The two filter points need to be different to obtain a 300 kHz bandwidth so,

  • make the low-pass network cut-off at 1.5 MHz + 150 kHz (1.65 MHz) and
  • make the high-pass network cut-off at 1.5 MHz - 150 kHz (1.35 MHz).

That allows you to calculate both resistors based on both capacitors being 1 uF. However, what you will find is that 1 uF is too high in value for an op-amp to work with at circa 1.5 MHz and you will need to choose a much lower default value.

For instance, using a 100 pF capacitor, it will form a 3 dB point at 1.65 MHz when R = 964 ohms.

If you'd have used 1 uF, R would be 0.096 ohms and that isn't practical for any op-amp.

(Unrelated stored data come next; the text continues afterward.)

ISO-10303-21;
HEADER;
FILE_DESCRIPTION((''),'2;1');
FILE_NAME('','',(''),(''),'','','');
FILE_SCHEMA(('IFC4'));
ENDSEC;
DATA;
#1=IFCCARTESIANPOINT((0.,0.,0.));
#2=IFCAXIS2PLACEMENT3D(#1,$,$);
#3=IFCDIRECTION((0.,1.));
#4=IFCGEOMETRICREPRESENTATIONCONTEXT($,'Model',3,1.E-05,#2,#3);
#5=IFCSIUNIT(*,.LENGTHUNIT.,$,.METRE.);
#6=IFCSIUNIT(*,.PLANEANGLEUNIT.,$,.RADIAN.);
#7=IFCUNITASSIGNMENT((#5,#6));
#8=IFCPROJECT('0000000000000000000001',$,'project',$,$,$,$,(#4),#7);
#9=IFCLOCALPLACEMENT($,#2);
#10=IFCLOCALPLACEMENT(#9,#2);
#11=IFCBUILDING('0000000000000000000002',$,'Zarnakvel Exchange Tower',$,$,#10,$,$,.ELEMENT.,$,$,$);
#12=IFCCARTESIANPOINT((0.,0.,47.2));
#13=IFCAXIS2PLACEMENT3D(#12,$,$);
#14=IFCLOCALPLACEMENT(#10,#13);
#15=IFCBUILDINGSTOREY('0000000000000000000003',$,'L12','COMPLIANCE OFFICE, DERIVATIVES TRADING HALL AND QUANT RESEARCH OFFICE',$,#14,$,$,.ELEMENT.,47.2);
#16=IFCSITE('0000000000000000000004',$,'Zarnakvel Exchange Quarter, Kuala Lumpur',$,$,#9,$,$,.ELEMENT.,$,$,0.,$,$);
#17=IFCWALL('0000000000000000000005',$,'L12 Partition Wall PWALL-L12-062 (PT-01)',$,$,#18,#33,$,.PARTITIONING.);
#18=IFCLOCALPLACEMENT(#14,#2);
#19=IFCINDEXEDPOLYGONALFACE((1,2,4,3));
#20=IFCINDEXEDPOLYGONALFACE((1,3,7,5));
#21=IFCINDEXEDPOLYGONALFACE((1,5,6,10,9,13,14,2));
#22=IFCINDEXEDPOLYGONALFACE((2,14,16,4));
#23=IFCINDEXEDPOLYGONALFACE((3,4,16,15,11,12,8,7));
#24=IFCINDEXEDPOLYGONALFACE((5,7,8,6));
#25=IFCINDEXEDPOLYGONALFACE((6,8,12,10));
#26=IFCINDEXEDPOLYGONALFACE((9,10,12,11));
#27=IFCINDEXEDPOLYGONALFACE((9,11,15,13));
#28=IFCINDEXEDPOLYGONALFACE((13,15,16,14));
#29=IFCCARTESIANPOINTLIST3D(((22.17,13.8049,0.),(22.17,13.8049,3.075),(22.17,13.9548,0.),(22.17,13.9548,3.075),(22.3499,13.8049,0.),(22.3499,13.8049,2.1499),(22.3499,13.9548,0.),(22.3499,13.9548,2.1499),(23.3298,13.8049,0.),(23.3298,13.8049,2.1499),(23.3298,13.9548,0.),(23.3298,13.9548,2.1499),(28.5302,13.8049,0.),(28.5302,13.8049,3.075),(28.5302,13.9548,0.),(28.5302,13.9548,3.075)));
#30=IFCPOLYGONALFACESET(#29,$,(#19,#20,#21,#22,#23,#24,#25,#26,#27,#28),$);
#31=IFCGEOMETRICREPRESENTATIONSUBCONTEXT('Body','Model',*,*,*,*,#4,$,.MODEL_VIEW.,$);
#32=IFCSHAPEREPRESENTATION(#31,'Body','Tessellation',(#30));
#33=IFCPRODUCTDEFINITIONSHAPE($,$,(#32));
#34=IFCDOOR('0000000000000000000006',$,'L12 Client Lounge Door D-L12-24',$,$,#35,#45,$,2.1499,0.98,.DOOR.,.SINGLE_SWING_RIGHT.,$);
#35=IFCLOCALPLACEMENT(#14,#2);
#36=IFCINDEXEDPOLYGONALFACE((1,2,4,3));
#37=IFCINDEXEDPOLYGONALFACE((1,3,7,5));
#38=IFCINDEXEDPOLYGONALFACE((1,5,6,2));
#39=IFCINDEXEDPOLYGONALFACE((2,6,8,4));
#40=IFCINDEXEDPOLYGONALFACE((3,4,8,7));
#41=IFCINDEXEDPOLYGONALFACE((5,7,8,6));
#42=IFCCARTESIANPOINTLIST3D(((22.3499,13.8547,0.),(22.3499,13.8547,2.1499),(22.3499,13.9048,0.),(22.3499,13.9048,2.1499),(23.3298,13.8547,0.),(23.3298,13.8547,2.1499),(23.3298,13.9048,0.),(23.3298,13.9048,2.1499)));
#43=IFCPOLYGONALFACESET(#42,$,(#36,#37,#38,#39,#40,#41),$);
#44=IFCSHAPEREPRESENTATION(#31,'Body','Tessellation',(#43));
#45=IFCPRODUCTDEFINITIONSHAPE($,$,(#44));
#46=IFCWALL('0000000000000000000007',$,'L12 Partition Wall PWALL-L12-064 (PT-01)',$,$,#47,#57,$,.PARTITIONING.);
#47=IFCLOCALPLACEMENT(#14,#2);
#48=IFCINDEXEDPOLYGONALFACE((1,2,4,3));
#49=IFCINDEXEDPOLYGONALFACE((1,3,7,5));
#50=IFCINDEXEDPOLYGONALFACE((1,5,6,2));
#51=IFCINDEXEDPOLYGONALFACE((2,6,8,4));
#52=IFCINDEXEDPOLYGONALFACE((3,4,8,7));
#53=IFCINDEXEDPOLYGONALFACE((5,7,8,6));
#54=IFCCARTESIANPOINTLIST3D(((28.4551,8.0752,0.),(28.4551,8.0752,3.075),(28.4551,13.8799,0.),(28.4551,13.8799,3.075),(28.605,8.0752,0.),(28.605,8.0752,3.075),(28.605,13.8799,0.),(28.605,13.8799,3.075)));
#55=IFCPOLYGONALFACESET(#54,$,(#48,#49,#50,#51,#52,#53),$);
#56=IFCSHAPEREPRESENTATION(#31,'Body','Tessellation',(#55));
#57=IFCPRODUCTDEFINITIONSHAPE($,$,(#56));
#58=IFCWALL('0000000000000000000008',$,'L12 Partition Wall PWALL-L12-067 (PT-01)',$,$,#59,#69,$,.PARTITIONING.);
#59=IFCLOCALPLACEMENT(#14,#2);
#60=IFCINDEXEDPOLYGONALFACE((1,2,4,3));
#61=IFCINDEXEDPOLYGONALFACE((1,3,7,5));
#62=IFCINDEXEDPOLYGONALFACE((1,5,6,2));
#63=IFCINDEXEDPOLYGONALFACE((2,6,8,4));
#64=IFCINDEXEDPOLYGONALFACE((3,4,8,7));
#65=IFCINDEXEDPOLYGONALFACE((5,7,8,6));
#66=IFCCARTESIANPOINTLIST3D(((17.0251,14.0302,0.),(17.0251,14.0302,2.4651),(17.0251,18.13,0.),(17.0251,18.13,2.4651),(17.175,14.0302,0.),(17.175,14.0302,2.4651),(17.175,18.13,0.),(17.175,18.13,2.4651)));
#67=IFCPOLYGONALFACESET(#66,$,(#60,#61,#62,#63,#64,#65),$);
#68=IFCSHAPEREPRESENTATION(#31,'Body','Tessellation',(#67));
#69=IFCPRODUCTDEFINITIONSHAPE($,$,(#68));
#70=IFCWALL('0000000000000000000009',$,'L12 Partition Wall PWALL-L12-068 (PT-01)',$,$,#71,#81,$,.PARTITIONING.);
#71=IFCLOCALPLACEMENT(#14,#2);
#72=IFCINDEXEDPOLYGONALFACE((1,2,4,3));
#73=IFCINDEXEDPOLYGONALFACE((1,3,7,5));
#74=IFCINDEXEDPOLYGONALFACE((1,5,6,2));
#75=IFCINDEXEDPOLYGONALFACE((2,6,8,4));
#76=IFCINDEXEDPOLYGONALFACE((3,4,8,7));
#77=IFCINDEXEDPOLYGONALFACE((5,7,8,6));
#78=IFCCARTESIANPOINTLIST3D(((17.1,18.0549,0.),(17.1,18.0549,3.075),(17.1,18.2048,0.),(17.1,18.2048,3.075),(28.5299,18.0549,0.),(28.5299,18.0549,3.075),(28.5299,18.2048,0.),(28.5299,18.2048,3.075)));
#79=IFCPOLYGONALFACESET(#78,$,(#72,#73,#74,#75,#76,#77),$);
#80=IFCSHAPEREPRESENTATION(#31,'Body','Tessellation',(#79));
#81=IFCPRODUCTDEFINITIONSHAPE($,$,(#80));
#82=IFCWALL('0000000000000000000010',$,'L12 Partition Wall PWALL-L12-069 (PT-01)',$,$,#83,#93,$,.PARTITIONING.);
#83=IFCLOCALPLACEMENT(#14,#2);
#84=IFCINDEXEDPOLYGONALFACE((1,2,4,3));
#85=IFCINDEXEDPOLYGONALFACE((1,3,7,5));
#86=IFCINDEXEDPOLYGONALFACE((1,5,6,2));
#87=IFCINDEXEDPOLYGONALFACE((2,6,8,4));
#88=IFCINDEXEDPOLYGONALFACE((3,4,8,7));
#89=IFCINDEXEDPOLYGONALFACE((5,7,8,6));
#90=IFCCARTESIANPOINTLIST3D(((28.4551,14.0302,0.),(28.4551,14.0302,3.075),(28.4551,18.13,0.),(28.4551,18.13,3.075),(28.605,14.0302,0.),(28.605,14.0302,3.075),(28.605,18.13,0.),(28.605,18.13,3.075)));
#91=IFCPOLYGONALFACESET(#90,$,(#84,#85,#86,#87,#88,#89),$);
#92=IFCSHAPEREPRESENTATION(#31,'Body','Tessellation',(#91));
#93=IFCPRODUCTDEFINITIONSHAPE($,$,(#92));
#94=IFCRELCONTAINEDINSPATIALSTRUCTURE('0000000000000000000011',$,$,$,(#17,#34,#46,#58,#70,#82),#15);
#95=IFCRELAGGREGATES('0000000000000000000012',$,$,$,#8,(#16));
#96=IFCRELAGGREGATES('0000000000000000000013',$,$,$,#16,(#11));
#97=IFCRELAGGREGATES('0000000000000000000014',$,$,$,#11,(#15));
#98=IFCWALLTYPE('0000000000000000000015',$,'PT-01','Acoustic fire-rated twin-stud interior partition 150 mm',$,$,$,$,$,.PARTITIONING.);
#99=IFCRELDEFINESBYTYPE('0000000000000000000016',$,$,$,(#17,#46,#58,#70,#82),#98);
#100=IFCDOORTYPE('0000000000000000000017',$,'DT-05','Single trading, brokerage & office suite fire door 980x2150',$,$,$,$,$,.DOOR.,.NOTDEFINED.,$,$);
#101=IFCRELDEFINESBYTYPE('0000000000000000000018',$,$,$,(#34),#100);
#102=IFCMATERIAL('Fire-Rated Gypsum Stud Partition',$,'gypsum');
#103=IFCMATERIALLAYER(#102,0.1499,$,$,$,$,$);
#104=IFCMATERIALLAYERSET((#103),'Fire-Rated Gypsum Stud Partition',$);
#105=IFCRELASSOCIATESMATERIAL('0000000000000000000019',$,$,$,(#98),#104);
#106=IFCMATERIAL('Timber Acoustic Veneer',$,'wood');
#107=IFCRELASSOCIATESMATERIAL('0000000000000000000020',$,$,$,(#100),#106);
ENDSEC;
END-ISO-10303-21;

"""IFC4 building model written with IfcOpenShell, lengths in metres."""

from ifc_helpers import new_model, si_unit, direction, frame, frame_2d, origin, place, context, subcontext, project, spatial, rectangle, extrude, source, transform, mapped, material, layer, layer_set, type_object, element, fill, save


model = new_model("IFC4")

# Units and contexts
model_context = context("Model", 3, precision=1e-05, world=origin(), true_north=direction((0.0, 1.0)))
body_context = subcontext(model_context, "Body", "Model", "MODEL_VIEW")
ifc_project = project(units=[si_unit("LENGTHUNIT", "METRE"), si_unit("PLANEANGLEUNIT", "RADIAN")], contexts=[model_context])

# Site, building, storey
site_placement = place(None, origin())
site = spatial("IfcSite", under=ifc_project, at=site_placement, Name="Zarnakvel Exchange Quarter, Kuala Lumpur", CompositionType="ELEMENT", RefElevation=0.0)
building_placement = place(site_placement, origin())
building = spatial("IfcBuilding", under=site, at=building_placement, Name="Zarnakvel Exchange Tower", CompositionType="ELEMENT")
storey_placement = place(building_placement, frame((0.0, 0.0, 47.2)))
storey = spatial("IfcBuildingStorey", under=building, at=storey_placement, Name="L12", Description="COMPLIANCE OFFICE, DERIVATIVES TRADING HALL AND QUANT RESEARCH OFFICE", CompositionType="ELEMENT", Elevation=47.2)

# Wall, opening, door
ifc_material_1 = material(Name="Fire-Rated Gypsum Stud Partition", Category="gypsum")
ifc_layer_1 = layer(ifc_material_1, 0.1499)
ifc_layer_set_1 = layer_set([ifc_layer_1], Name="Fire-Rated Gypsum Stud Partition")
wall_type_1 = type_object("IfcWallType", Name="PT-01", Description="Acoustic fire-rated twin-stud interior partition 150 mm", PredefinedType="PARTITIONING", material=ifc_layer_set_1)
wall_1_placement = place(storey_placement, frame((22.1699, 13.8799, 0.0), z_axis=(0.0, 0.0, 1.0), x_axis=(1.0, 0.0, 0.0)))
wall_1 = element("IfcWall", 1, at=wall_1_placement, inside=storey, type_object=wall_type_1, Name="L12 Partition Wall PWALL-L12-062 (PT-01)", PredefinedType="PARTITIONING", context=body_context, shape_type="SweptSolid", body=[
    extrude(rectangle(XDim=6.3601, YDim=0.1499, at=frame_2d((3.1802, 0.0))), origin(), (0.0, 0.0, 1.0), 3.075),
])
opening_placement = place(wall_1_placement, frame((0.1799, 0.0, 0.0)))
opening = element("IfcOpeningElement", 2, at=opening_placement, cuts=wall_1, PredefinedType="OPENING", context=body_context, shape_type="SweptSolid", body=[
    extrude(rectangle(XDim=0.98, YDim=2.1499, at=frame_2d((0.49, 1.075))), frame((0.0, 0.085, 0.0), z_axis=(0.0, -1.0, 0.0), x_axis=(1.0, 0.0, 0.0)), (0.0, 0.0, 1.0), 0.1699),
])
ifc_material_2 = material(Name="Timber Acoustic Veneer", Category="wood")
door_type = type_object("IfcDoorType", Name="DT-05", Description="Single trading, brokerage & office suite fire door 980x2150", OperationType="NOTDEFINED", PredefinedType="DOOR", material=ifc_material_2)
shared_shape_1 = source(origin(), body_context, "Body", "SweptSolid", [
    extrude(rectangle(XDim=0.98, YDim=2.1499, at=frame_2d((0.49, 1.075))), frame((0.0, 0.0249, 0.0), z_axis=(0.0, -1.0, 0.0), x_axis=(1.0, 0.0, 0.0)), (0.0, 0.0, 1.0), 0.05),
])
door_placement = place(opening_placement, origin())
door = element("IfcDoor", 3, at=door_placement, inside=storey, type_object=door_type, Name="L12 Client Lounge Door D-L12-24", OperationType="SINGLE_SWING_RIGHT", OverallHeight=2.1499, OverallWidth=0.98, PredefinedType="DOOR", context=body_context, shape_type="MappedRepresentation", body=[
    mapped(shared_shape_1, transform((0.0, 0.0, 0.0), x_axis=(1.0, 0.0, 0.0), y_axis=(0.0, 1.0, 0.0), z_axis=(0.0, 0.0, 1.0), scale=1.0)),
])
fill(opening, door)

# Walls
wall_2_placement = place(storey_placement, frame((28.53, 13.8799, 0.0), z_axis=(0.0, 0.0, 1.0), x_axis=(0.0, -1.0, 0.0)))
element("IfcWall", 4, at=wall_2_placement, inside=storey, type_object=wall_type_1, Name="L12 Partition Wall PWALL-L12-064 (PT-01)", PredefinedType="PARTITIONING", context=body_context, shape_type="SweptSolid", body=[
    extrude(rectangle(XDim=5.8047, YDim=0.1499, at=frame_2d((2.9023, 0.0))), origin(), (0.0, 0.0, 1.0), 3.075),
])
wall_3_placement = place(storey_placement, frame((17.1001, 18.1299, 0.0), z_axis=(0.0, 0.0, 1.0), x_axis=(0.0, -1.0, 0.0)))
element("IfcWall", 5, at=wall_3_placement, inside=storey, type_object=wall_type_1, Name="L12 Partition Wall PWALL-L12-067 (PT-01)", PredefinedType="PARTITIONING", context=body_context, shape_type="SweptSolid", body=[
    extrude(rectangle(XDim=4.0999, YDim=0.1499, at=frame_2d((2.0498, 0.0))), origin(), (0.0, 0.0, 1.0), 2.4651),
])
wall_4_placement = place(storey_placement, frame((17.1001, 18.1299, 0.0), z_axis=(0.0, 0.0, 1.0), x_axis=(1.0, 0.0, 0.0)))
element("IfcWall", 6, at=wall_4_placement, inside=storey, type_object=wall_type_1, Name="L12 Partition Wall PWALL-L12-068 (PT-01)", PredefinedType="PARTITIONING", context=body_context, shape_type="SweptSolid", body=[
    extrude(rectangle(XDim=11.4299, YDim=0.1499, at=frame_2d((5.7148, 0.0))), origin(), (0.0, 0.0, 1.0), 3.075),
])
wall_5_placement = place(storey_placement, frame((28.53, 18.1299, 0.0), z_axis=(0.0, 0.0, 1.0), x_axis=(0.0, -1.0, 0.0)))
element("IfcWall", 7, at=wall_5_placement, inside=storey, type_object=wall_type_1, Name="L12 Partition Wall PWALL-L12-069 (PT-01)", PredefinedType="PARTITIONING", context=body_context, shape_type="SweptSolid", body=[
    extrude(rectangle(XDim=4.0999, YDim=0.1499, at=frame_2d((2.0498, 0.0))), origin(), (0.0, 0.0, 1.0), 3.075),
])

save(model, "model.ifc")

However, you will never get a centre frequency to bandwidth ratio as required by the question using a simple op-amp and high-pass and low-pass networks. To get a centre frequency if 1.5 MHz and a bandwidth of 300 kHz implies a Q factor of 1500/300 = 5. This cannot be achieved by the op-amp configuration shown because the maximum Q factor is limited to 0.5. You can try it of course, but you'll get just a sloppy band pass filter like this: -

enter image description here

It just won't deliver what you want. Bandwidth is approximately 3.53 MHz - 610 kHz = 2.92 MHz and centre frequency is 1.47 MHz hence, Q = 0.503.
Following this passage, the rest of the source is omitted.